Retrie provides a small monadic DSL for scripting the application of rewrites. It also allows you to intercept and manipulate the result of matching the left-hand side of an equation. Putting those two together, you could implement the following refactoring:

{-# LANGUAGE OverloadedStrings #-}
module Main where

import qualified GHC.Paths as GHC.Paths
import Retrie
  
main :: IO ()
main = runScript GHC.Paths.libdir $ \opts -> do
  [rewrite] <- parseRewrites GHC.Paths.libdir opts [Adhoc "forall arg. fooOld arg = fooNew arg"]
  return $ apply [setRewriteTransformer stringToFooArg rewrite]
  
argMapping :: [(FastString, String)]
argMapping = [("foo", "Foo"), ("bar", "Bar")]
  
stringToFooArg :: MatchResultTransformer
stringToFooArg _ctxt match
  | MatchResult substitution template <- match
  , Just (HoleExpr expr) <- lookupSubst "arg" substitution
  , L _ (HsLit _ (HsString _ str)) <- astA expr = do
    newExpr <- case lookup str argMapping of
      Nothing ->
        parseExpr GHC.Paths.libdir $ "error \"invalid argument: " ++ unpackFS str ++ "\""
      Just constructor -> parseExpr GHC.Paths.libdir constructor
    return $
      MatchResult (extendSubst substitution "arg" (HoleExpr newExpr)) template
  | otherwise = return NoMatch

Running this program would create the following diff:

 module MyModule3 where
  
 baz, bar, quux :: IO ()
-baz = fooOld "foo"
+baz = fooNew Foo
 
-bar = fooOld "bar"
+bar = fooNew Bar

-quux = fooOld "quux"
+quux = fooNew (error "invalid argument: quux")
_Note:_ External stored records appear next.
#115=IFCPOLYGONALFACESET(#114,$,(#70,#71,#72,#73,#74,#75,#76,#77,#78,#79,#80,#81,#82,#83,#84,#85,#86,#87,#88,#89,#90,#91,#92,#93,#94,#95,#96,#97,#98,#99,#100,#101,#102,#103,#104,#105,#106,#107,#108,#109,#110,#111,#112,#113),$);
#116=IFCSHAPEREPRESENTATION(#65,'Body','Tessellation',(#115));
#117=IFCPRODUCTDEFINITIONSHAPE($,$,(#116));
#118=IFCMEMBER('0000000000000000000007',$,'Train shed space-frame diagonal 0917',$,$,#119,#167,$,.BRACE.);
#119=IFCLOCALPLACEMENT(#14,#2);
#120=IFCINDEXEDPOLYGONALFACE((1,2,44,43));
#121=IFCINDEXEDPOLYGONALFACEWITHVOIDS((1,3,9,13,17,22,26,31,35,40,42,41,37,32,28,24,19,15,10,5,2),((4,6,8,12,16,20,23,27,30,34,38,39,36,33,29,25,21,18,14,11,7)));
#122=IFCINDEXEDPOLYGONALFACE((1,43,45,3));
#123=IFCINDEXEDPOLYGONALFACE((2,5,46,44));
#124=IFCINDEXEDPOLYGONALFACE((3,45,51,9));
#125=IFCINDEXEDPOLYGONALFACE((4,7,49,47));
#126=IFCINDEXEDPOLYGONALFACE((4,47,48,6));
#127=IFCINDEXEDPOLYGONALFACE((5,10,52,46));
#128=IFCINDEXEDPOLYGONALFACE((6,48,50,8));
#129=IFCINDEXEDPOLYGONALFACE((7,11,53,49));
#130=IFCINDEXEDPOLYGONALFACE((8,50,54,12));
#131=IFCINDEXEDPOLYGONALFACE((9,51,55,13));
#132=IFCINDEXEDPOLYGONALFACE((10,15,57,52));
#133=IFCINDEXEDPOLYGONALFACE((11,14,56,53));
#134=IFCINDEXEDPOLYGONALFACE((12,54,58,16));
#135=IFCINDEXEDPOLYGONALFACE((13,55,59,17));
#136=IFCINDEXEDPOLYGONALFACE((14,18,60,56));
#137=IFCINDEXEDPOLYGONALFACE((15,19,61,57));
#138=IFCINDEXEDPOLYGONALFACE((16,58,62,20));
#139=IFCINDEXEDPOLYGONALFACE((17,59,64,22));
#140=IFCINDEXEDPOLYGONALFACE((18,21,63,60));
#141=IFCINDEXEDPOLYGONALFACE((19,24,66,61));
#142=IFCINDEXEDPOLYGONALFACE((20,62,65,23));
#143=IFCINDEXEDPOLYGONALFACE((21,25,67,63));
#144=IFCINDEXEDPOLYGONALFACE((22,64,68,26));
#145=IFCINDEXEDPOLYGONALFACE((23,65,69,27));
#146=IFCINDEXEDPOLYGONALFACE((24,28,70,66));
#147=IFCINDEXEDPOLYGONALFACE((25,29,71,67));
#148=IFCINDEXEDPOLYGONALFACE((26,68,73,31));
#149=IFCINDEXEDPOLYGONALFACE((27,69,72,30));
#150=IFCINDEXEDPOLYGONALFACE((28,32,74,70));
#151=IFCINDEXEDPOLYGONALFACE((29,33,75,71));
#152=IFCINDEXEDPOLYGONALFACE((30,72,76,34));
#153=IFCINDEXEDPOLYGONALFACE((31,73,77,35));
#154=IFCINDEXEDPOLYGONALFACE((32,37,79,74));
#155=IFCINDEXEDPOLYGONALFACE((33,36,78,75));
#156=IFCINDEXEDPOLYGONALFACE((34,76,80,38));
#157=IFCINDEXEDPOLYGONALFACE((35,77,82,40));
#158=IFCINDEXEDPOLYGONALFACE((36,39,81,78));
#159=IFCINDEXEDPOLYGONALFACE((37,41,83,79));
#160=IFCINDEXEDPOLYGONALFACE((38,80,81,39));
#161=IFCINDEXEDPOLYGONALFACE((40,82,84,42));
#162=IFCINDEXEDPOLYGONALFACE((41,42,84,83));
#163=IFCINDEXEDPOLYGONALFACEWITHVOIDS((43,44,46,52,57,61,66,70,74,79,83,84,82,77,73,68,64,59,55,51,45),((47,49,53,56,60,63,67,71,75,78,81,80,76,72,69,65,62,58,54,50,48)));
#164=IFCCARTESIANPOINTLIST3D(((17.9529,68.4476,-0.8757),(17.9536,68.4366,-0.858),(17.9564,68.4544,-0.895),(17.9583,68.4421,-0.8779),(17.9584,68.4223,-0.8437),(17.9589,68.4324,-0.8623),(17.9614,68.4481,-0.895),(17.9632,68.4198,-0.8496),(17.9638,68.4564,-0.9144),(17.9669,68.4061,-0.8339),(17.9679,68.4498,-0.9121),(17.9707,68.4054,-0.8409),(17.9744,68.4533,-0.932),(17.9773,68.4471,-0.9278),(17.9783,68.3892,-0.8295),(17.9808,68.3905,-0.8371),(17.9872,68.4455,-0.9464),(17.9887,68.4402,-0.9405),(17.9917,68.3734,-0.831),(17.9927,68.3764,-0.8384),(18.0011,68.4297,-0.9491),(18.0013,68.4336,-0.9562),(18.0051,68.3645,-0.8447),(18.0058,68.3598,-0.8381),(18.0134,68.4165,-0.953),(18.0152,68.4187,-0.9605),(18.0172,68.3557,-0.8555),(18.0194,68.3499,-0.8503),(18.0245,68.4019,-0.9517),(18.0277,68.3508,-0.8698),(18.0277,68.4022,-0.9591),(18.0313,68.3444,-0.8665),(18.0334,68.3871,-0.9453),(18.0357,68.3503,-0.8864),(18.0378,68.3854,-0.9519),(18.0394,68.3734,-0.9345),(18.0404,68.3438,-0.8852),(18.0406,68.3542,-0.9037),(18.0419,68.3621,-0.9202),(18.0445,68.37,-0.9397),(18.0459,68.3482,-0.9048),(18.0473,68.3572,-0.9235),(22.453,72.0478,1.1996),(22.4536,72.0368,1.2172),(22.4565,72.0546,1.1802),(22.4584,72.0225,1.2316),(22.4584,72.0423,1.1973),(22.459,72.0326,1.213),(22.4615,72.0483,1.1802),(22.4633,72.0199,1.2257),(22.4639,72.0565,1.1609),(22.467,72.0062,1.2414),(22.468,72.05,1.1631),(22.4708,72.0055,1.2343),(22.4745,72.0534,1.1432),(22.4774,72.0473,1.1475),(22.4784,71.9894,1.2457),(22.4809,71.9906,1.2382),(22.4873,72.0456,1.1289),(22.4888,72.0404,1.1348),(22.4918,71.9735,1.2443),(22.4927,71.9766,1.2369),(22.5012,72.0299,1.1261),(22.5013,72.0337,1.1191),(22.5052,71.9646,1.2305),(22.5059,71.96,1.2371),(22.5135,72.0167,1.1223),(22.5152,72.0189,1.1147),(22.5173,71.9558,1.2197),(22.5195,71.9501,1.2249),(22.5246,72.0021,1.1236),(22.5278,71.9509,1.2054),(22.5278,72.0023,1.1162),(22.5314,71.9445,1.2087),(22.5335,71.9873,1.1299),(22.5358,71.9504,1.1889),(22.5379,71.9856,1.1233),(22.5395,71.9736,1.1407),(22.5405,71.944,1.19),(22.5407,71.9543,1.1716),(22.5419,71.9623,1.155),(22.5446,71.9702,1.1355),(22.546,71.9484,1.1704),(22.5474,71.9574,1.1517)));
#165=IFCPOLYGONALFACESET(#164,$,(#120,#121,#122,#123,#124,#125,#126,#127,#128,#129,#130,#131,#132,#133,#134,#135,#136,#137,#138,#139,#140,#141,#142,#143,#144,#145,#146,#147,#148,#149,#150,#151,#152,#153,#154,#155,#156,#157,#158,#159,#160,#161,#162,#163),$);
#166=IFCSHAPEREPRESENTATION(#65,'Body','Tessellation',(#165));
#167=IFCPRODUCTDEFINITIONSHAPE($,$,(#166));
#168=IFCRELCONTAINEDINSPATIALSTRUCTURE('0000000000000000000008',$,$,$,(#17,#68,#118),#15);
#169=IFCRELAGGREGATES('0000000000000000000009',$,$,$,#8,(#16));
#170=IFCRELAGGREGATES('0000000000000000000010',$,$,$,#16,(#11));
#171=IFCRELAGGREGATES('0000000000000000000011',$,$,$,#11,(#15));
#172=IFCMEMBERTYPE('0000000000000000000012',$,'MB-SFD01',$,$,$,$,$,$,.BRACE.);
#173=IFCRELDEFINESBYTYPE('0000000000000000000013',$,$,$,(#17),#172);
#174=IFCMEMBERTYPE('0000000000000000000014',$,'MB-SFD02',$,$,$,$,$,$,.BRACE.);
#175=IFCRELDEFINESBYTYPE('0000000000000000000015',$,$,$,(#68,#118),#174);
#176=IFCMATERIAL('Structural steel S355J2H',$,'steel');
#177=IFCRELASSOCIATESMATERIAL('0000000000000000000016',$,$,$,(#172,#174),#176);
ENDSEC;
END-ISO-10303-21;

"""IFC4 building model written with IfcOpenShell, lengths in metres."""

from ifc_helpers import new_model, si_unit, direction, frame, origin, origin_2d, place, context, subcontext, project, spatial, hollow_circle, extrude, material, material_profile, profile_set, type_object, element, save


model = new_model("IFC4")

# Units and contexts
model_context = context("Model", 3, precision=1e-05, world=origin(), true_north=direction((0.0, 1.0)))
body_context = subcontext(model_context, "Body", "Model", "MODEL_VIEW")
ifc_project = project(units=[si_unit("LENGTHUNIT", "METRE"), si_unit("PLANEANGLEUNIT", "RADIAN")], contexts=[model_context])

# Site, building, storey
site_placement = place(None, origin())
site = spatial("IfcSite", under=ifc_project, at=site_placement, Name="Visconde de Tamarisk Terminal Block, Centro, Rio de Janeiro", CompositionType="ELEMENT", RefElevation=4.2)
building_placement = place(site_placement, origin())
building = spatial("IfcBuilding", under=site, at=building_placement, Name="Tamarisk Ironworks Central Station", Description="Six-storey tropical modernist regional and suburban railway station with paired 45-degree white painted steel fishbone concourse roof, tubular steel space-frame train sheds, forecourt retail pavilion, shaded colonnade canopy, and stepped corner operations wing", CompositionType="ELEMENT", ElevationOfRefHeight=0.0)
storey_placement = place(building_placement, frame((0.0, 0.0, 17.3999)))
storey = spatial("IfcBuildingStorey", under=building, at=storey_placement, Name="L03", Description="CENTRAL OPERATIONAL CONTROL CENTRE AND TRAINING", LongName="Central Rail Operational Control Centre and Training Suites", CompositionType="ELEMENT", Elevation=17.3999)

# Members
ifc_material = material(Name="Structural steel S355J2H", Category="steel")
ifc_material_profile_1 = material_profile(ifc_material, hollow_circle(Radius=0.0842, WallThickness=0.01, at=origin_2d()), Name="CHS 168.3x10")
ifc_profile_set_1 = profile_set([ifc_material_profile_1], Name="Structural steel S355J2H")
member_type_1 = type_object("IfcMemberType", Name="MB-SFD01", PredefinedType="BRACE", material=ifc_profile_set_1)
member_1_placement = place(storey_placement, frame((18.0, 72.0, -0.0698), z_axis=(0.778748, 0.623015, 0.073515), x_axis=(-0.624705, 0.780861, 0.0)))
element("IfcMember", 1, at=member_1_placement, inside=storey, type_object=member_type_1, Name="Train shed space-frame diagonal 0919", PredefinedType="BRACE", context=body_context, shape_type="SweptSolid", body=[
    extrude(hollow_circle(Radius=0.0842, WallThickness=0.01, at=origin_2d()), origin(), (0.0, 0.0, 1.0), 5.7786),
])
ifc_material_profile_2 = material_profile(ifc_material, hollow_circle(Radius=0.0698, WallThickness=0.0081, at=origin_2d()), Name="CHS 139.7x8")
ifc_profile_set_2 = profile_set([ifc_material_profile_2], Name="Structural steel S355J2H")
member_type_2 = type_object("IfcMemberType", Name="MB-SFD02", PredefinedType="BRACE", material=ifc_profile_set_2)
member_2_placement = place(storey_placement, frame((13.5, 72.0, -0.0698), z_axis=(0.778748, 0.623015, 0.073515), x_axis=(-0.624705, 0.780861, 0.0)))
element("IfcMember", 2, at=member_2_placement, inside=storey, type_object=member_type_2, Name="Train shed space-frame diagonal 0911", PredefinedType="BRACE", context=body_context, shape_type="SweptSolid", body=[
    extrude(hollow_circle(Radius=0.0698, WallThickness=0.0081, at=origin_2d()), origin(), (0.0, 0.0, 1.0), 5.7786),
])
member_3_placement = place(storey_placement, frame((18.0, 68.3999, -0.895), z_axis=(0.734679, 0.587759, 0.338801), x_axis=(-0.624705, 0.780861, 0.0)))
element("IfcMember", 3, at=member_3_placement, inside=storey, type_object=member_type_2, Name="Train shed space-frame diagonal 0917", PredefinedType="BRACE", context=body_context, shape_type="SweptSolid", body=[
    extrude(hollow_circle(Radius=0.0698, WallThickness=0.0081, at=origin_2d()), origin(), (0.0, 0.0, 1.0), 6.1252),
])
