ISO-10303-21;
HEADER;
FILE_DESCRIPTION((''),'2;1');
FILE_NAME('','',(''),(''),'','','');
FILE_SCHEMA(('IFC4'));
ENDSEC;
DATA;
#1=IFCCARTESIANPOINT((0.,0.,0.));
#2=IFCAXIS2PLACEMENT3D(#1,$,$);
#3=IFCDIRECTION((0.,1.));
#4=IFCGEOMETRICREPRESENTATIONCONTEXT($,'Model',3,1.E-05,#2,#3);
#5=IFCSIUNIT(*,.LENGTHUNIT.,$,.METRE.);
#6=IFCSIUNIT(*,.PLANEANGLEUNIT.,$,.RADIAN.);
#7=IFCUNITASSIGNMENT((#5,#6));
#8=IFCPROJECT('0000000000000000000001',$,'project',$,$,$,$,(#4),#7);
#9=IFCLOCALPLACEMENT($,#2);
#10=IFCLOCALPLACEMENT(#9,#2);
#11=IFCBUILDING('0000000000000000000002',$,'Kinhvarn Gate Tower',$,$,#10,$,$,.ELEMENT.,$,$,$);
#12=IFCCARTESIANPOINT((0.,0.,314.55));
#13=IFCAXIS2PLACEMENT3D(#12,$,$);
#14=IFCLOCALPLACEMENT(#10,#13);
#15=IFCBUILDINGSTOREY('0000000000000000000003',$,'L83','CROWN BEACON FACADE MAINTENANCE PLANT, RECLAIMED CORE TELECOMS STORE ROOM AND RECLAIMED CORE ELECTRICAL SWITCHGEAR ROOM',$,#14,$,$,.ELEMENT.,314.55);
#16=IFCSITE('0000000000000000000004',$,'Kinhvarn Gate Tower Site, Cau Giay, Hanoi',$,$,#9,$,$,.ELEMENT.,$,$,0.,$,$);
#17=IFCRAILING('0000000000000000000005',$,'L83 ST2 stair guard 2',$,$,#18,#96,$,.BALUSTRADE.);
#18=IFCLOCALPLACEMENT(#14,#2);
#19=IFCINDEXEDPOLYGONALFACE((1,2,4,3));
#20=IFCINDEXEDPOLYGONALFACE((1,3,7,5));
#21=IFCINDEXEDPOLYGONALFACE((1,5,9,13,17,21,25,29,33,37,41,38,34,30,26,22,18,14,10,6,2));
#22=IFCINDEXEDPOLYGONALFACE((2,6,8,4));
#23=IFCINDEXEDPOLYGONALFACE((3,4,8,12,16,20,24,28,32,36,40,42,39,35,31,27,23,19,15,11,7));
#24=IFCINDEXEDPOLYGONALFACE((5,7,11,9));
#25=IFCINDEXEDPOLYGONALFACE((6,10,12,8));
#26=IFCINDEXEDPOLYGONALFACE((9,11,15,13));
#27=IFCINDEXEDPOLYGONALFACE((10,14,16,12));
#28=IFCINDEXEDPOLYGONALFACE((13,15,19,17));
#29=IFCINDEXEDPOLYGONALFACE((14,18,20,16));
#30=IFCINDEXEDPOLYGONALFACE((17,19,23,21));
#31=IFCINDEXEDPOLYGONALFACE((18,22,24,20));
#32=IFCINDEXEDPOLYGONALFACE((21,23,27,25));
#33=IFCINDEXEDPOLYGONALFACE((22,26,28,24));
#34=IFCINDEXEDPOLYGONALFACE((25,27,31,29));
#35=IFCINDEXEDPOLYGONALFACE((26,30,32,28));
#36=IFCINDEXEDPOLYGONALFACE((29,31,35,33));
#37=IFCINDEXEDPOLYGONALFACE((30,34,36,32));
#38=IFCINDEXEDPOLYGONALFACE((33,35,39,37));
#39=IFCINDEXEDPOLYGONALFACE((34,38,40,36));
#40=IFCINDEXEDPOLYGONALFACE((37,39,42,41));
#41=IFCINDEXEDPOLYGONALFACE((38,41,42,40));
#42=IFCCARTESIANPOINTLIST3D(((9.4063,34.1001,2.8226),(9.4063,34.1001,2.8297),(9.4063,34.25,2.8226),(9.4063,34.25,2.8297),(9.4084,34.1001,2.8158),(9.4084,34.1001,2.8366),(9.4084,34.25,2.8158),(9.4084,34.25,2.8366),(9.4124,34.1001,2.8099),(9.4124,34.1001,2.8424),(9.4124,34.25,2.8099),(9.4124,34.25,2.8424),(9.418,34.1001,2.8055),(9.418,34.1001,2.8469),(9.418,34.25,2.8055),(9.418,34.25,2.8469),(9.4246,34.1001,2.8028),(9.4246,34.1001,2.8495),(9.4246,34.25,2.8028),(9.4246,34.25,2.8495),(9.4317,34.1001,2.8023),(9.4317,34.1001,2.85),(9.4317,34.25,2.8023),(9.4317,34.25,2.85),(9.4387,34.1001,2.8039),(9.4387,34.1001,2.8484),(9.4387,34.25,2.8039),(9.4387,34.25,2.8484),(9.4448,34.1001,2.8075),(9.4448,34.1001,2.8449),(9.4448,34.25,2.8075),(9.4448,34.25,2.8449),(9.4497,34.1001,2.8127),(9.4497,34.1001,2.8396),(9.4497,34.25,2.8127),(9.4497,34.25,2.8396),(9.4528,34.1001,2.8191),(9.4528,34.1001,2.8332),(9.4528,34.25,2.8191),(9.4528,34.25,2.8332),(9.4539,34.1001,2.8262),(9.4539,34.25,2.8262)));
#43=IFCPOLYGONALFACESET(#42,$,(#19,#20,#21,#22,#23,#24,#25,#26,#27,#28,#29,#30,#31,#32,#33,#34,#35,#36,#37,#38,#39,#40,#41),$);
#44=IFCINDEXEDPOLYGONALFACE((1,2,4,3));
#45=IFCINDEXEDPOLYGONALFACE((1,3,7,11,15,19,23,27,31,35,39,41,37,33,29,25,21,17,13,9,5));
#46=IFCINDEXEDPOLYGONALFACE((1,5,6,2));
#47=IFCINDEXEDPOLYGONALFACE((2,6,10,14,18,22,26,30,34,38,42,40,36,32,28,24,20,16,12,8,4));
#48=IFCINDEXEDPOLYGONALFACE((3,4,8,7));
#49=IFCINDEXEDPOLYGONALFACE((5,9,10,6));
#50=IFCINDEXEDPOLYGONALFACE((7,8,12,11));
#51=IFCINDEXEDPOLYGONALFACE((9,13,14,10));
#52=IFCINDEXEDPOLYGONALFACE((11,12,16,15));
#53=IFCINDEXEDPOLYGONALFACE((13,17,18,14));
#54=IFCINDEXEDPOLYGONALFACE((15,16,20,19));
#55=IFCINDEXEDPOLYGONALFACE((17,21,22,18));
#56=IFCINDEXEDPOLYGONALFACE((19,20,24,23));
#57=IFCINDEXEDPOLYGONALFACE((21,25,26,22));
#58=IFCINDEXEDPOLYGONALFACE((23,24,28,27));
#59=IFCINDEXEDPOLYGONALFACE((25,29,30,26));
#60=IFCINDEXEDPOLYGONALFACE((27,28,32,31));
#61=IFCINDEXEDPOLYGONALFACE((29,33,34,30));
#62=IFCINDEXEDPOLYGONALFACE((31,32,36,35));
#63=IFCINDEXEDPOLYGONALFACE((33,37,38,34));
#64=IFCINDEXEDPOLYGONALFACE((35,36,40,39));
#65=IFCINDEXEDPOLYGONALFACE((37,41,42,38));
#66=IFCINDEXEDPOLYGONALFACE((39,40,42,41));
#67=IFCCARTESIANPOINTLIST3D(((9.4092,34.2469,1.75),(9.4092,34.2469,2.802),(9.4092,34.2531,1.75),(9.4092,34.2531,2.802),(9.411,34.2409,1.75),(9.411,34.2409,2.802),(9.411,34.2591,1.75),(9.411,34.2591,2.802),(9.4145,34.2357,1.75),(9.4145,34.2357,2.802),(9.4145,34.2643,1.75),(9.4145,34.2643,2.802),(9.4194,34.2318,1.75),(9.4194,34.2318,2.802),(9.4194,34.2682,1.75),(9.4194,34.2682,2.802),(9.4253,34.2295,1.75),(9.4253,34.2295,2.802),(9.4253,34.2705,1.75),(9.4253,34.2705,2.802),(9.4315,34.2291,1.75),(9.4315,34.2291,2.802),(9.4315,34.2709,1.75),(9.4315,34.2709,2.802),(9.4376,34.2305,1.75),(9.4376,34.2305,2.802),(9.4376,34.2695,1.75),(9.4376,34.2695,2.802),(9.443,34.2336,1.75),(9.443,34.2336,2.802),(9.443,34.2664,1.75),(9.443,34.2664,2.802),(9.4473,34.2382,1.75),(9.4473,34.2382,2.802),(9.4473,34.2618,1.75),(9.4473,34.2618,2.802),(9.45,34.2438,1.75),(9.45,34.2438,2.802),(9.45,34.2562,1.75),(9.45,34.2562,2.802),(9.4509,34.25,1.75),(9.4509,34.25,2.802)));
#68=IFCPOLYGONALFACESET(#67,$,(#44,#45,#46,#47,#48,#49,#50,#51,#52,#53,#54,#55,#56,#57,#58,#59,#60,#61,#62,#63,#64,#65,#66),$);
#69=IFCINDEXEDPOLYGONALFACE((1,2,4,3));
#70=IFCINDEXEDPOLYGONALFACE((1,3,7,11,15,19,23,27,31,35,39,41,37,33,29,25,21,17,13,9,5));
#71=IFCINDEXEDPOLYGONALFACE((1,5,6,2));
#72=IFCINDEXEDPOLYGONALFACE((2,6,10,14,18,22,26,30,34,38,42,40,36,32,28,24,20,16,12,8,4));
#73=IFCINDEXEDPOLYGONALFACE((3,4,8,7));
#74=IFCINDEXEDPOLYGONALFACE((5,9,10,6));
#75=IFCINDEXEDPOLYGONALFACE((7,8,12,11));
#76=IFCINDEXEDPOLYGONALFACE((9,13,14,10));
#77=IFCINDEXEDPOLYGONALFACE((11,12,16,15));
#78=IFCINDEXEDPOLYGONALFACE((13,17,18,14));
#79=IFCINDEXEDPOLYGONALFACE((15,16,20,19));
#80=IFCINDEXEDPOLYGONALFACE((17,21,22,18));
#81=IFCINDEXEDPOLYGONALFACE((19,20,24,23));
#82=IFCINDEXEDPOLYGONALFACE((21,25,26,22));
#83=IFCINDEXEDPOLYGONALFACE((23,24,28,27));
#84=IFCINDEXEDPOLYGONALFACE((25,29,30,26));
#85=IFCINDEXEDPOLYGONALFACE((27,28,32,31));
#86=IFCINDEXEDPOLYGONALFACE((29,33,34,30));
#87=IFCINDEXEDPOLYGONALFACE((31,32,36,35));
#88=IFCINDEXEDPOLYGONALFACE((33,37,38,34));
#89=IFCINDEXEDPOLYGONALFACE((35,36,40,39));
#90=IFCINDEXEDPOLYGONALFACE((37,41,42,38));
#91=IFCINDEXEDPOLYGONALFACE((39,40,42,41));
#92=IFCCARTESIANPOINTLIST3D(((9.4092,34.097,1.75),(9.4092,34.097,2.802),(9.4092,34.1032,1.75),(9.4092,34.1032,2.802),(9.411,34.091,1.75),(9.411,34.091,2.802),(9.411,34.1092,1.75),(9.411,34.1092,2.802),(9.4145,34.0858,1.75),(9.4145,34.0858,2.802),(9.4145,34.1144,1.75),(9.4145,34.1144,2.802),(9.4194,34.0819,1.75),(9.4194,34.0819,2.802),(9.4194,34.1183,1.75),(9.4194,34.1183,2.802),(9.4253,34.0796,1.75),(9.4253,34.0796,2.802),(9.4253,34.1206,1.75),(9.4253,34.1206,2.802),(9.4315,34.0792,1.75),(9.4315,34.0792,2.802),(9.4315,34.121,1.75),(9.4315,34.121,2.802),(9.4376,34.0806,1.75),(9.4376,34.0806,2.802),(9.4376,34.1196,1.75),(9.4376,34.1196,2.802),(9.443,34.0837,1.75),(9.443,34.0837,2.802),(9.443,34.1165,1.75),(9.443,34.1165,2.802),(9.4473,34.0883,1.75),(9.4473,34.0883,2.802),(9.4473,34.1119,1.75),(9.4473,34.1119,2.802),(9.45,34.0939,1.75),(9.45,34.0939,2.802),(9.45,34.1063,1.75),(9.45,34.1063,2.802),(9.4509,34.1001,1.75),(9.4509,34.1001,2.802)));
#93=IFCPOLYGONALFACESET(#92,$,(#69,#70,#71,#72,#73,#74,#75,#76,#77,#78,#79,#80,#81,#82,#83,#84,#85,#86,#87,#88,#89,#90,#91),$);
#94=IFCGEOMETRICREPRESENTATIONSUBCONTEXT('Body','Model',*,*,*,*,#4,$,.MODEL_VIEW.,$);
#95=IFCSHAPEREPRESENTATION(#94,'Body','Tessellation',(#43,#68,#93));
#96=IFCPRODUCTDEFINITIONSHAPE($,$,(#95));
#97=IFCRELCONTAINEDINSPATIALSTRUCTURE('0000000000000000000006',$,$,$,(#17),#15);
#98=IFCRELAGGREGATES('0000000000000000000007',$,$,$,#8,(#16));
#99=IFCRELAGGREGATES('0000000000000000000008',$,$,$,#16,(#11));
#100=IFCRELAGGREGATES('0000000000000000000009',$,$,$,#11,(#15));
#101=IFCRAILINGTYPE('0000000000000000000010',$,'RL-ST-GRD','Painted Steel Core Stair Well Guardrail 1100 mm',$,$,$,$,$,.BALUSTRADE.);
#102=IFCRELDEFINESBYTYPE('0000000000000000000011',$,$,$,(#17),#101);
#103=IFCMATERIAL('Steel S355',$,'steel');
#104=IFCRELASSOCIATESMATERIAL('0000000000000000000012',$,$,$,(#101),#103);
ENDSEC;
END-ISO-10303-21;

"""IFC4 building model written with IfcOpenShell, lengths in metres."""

from ifc_helpers import new_model, si_unit, direction, frame, origin, origin_2d, place, context, subcontext, project, spatial, circle, extrude, material, type_object, element, save


model = new_model("IFC4")

# Units and contexts
model_context = context("Model", 3, precision=1e-05, world=origin(), true_north=direction((0.0, 1.0)))
body_context = subcontext(model_context, "Body", "Model", "MODEL_VIEW")
ifc_project = project(units=[si_unit("LENGTHUNIT", "METRE"), si_unit("PLANEANGLEUNIT", "RADIAN")], contexts=[model_context])

# Site, building, storey
site_placement = place(None, origin())
site = spatial("IfcSite", under=ifc_project, at=site_placement, Name="Kinhvarn Gate Tower Site, Cau Giay, Hanoi", CompositionType="ELEMENT", RefElevation=0.0)
building_placement = place(site_placement, origin())
building = spatial("IfcBuilding", under=site, at=building_placement, Name="Kinhvarn Gate Tower", CompositionType="ELEMENT")
storey_placement = place(building_placement, frame((0.0, 0.0, 314.55)))
storey = spatial("IfcBuildingStorey", under=building, at=storey_placement, Name="L83", Description="CROWN BEACON FACADE MAINTENANCE PLANT, RECLAIMED CORE TELECOMS STORE ROOM AND RECLAIMED CORE ELECTRICAL SWITCHGEAR ROOM", CompositionType="ELEMENT", Elevation=314.55)

# Railing
ifc_material_1 = material(Name="Steel S355", Category="steel")
railing_type_1 = type_object("IfcRailingType", Name="RL-ST-GRD", Description="Painted Steel Core Stair Well Guardrail 1100 mm", PredefinedType="BALUSTRADE", material=ifc_material_1)
railing_1_placement = place(storey_placement, frame((9.4299, 34.25, 1.75)))
element("IfcRailing", 1, at=railing_1_placement, inside=storey, type_object=railing_type_1, Name="L83 ST2 stair guard 2", PredefinedType="BALUSTRADE", context=body_context, shape_type="SweptSolid", body=[
    extrude(circle(Radius=0.0239, at=origin_2d()), frame((0.0, 0.0, 1.0762), z_axis=(0.0, -1.0, 0.0), x_axis=(1.0, 0.0, 0.0)), (0.0, 0.0, 1.0), 0.1499),
    extrude(circle(Radius=0.021, at=origin_2d()), origin(), (0.0, 0.0, 1.0), 1.052),
    extrude(circle(Radius=0.021, at=origin_2d()), frame((0.0, -0.1499, 0.0)), (0.0, 0.0, 1.0), 1.052),
])

save(model, "model.ifc")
Defining the stringToFooArg function requires knowledge of both the Retrie library and GHC's internal AST types. You'll find haddock/hoogle invaluable for both.

Reporting Bugs/Submitting Patches

To report a bug in the result of a rewrite, please create a test case (example) and submit it as an issue or merge request.

To report other bugs, please create a GitHub issue.

Build Status

License

Retrie is MIT licensed, as found in the LICENSE file.